Edit: Oh, I see you mean that mod. Ok, got it. Not familiar with it.


----------



## shaunnadan (7/12/15)

Duffie12 said:


> Vape-King has a Vape-King branded 1100 mah variable voltage battery but doesn't quite give any information on the specs (haven't gotten a reply from their product question section on their website).
> 
> Anyone here familiar with these, what is the max safe amps/watts? I was considering buying one with a mini protank 3 but wanted to know what sort of ohms attomisers I can use on it?




Hey buddy 

That battery is an ego style "vision spinner" type battery 

It's perfect for the evod / mini pro tank / twisp clearo atomizers with coils from 1ohm to 1.5ohms 

At full charge on 4.2volts it's pushing less than 10w and as best as I can remember doesn't allow for firing of sub ohm coils (but I have a sneaky suspicion it may fire the 0.8ohm mini pro tank coil) 

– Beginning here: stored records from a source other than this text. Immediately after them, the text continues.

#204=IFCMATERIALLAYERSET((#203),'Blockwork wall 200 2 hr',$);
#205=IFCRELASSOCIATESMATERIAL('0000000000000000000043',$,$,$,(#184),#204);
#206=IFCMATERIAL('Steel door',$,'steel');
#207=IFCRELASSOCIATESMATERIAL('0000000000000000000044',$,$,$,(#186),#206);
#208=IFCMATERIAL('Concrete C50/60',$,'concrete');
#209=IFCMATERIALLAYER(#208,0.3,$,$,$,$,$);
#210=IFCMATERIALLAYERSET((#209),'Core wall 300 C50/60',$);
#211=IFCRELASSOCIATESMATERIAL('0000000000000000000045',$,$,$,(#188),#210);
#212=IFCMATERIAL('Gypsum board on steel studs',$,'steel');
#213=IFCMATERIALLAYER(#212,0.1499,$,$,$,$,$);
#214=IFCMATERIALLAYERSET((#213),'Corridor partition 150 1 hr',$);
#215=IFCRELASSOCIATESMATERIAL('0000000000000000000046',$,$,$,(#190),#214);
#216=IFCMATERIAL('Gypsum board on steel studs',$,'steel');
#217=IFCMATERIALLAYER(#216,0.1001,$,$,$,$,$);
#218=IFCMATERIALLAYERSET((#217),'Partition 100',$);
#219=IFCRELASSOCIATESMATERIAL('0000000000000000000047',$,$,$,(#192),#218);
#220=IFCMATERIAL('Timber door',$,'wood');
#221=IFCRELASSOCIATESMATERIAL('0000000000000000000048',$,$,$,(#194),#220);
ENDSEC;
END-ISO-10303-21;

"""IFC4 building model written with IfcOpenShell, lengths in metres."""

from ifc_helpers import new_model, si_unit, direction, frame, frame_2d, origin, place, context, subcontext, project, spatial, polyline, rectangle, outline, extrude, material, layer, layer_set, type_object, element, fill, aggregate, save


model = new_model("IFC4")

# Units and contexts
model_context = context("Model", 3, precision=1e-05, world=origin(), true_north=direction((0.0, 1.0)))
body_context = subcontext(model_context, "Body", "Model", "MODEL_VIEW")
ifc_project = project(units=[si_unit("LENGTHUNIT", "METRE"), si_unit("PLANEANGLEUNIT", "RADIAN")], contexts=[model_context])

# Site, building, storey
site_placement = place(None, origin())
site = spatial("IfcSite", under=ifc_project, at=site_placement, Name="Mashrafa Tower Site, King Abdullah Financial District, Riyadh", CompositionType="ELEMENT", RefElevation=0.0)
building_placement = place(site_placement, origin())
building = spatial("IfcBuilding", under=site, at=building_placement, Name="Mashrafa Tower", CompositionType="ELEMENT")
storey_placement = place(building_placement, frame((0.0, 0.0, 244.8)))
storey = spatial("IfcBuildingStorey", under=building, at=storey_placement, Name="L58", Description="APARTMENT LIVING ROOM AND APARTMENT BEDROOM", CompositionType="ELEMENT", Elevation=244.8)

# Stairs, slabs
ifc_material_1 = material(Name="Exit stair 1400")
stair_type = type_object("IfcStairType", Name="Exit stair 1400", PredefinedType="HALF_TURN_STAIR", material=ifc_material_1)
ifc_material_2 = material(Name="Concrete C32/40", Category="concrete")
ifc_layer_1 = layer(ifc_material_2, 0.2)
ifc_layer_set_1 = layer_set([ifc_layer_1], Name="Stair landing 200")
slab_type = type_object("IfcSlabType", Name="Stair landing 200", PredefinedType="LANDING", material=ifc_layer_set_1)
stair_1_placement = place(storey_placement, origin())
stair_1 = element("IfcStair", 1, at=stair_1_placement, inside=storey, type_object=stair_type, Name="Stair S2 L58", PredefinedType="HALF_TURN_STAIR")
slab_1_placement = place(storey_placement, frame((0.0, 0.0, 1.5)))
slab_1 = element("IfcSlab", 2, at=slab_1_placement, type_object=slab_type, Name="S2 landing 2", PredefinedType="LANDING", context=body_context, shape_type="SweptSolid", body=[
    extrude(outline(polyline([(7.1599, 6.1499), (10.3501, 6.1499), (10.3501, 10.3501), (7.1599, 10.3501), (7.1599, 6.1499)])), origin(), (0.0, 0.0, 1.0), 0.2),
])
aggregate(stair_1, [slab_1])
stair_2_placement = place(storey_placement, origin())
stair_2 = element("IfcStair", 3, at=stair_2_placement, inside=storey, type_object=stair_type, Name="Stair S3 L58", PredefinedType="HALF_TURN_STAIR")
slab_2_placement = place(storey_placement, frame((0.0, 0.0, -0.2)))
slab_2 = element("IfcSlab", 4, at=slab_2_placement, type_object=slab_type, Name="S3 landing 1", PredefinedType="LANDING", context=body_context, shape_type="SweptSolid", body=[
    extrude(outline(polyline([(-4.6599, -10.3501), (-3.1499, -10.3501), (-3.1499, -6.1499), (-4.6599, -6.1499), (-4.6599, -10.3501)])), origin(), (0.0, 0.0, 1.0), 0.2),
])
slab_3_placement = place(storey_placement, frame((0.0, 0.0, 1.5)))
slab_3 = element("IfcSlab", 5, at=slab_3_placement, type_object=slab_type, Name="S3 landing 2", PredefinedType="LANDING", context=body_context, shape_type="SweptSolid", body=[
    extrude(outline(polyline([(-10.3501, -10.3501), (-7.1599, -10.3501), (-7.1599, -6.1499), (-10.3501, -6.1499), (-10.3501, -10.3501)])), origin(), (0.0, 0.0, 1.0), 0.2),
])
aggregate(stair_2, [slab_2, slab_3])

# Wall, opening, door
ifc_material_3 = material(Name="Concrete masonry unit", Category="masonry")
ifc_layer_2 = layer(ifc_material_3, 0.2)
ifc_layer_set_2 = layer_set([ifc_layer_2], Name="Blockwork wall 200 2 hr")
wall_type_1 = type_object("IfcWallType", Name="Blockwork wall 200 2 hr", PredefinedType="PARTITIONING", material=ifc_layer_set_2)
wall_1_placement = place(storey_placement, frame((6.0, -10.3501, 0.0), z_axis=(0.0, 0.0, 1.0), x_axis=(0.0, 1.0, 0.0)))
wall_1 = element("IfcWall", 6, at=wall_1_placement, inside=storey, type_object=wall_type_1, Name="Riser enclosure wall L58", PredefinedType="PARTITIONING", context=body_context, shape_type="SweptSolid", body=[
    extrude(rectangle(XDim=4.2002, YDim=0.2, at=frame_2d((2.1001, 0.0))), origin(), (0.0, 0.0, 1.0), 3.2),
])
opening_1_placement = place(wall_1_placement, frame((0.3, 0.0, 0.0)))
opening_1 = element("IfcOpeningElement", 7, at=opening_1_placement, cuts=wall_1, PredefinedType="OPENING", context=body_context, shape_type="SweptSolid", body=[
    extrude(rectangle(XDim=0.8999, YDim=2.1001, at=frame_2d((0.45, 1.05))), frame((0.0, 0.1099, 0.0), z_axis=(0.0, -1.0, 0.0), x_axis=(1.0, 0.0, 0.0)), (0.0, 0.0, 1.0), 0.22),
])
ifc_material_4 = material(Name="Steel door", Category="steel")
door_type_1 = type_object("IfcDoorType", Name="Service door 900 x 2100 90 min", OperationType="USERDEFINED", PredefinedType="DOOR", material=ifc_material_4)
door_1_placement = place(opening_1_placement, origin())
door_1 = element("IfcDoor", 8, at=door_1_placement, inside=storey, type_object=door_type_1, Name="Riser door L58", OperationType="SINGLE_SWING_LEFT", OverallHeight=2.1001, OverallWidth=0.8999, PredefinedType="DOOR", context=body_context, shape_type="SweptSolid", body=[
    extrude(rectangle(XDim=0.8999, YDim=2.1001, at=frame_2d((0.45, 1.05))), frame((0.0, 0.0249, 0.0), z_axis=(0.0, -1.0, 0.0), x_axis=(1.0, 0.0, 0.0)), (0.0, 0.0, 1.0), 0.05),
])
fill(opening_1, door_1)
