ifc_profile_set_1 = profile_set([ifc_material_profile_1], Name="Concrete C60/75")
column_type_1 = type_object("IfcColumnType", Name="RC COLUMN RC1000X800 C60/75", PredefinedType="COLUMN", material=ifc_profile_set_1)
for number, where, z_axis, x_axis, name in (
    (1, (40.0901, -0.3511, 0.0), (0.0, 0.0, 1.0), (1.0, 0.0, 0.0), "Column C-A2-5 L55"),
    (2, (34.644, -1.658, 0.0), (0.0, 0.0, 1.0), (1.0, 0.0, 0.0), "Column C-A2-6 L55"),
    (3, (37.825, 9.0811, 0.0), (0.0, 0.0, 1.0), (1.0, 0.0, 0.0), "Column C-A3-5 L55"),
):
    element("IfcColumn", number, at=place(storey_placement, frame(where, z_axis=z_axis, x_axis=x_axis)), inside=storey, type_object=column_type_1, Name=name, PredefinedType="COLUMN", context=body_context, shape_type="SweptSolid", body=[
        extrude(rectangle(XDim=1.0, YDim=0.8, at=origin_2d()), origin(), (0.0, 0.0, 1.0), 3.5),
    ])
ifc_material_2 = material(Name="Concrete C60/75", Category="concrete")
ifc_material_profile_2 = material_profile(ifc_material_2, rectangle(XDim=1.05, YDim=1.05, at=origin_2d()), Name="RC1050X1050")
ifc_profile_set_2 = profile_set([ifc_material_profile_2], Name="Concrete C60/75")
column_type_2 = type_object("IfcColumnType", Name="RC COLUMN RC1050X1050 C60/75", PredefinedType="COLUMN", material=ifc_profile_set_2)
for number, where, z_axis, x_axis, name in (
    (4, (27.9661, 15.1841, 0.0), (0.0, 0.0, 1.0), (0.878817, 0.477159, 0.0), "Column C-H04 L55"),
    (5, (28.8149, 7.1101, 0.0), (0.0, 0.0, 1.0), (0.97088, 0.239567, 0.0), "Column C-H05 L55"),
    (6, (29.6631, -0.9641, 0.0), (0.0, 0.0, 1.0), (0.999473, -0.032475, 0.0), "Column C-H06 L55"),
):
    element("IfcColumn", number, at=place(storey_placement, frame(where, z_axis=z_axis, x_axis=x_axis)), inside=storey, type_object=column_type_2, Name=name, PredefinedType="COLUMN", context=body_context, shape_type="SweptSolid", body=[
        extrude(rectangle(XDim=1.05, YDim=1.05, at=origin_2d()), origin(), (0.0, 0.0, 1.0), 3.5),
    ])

Personally I would look at something with a little bit more "oomph" but it all depends on your Vape style and needs. 

Hope that helps

Reactions: Like 1


----------



## Duffie12 (7/12/15)

Thanks guys.



shaunnadan said:


> Hey buddy
> 
> That battery is an ego style "vision spinner" type battery
> 
> ...



What would you recommend for more "oomph"?
It seems as though the general go to kit for most people is the subox mini. I'm not sure though if sub-ohm vaping is my thing. I'm not really after big clouds or throat hit. Just looking for flavour and ease of use.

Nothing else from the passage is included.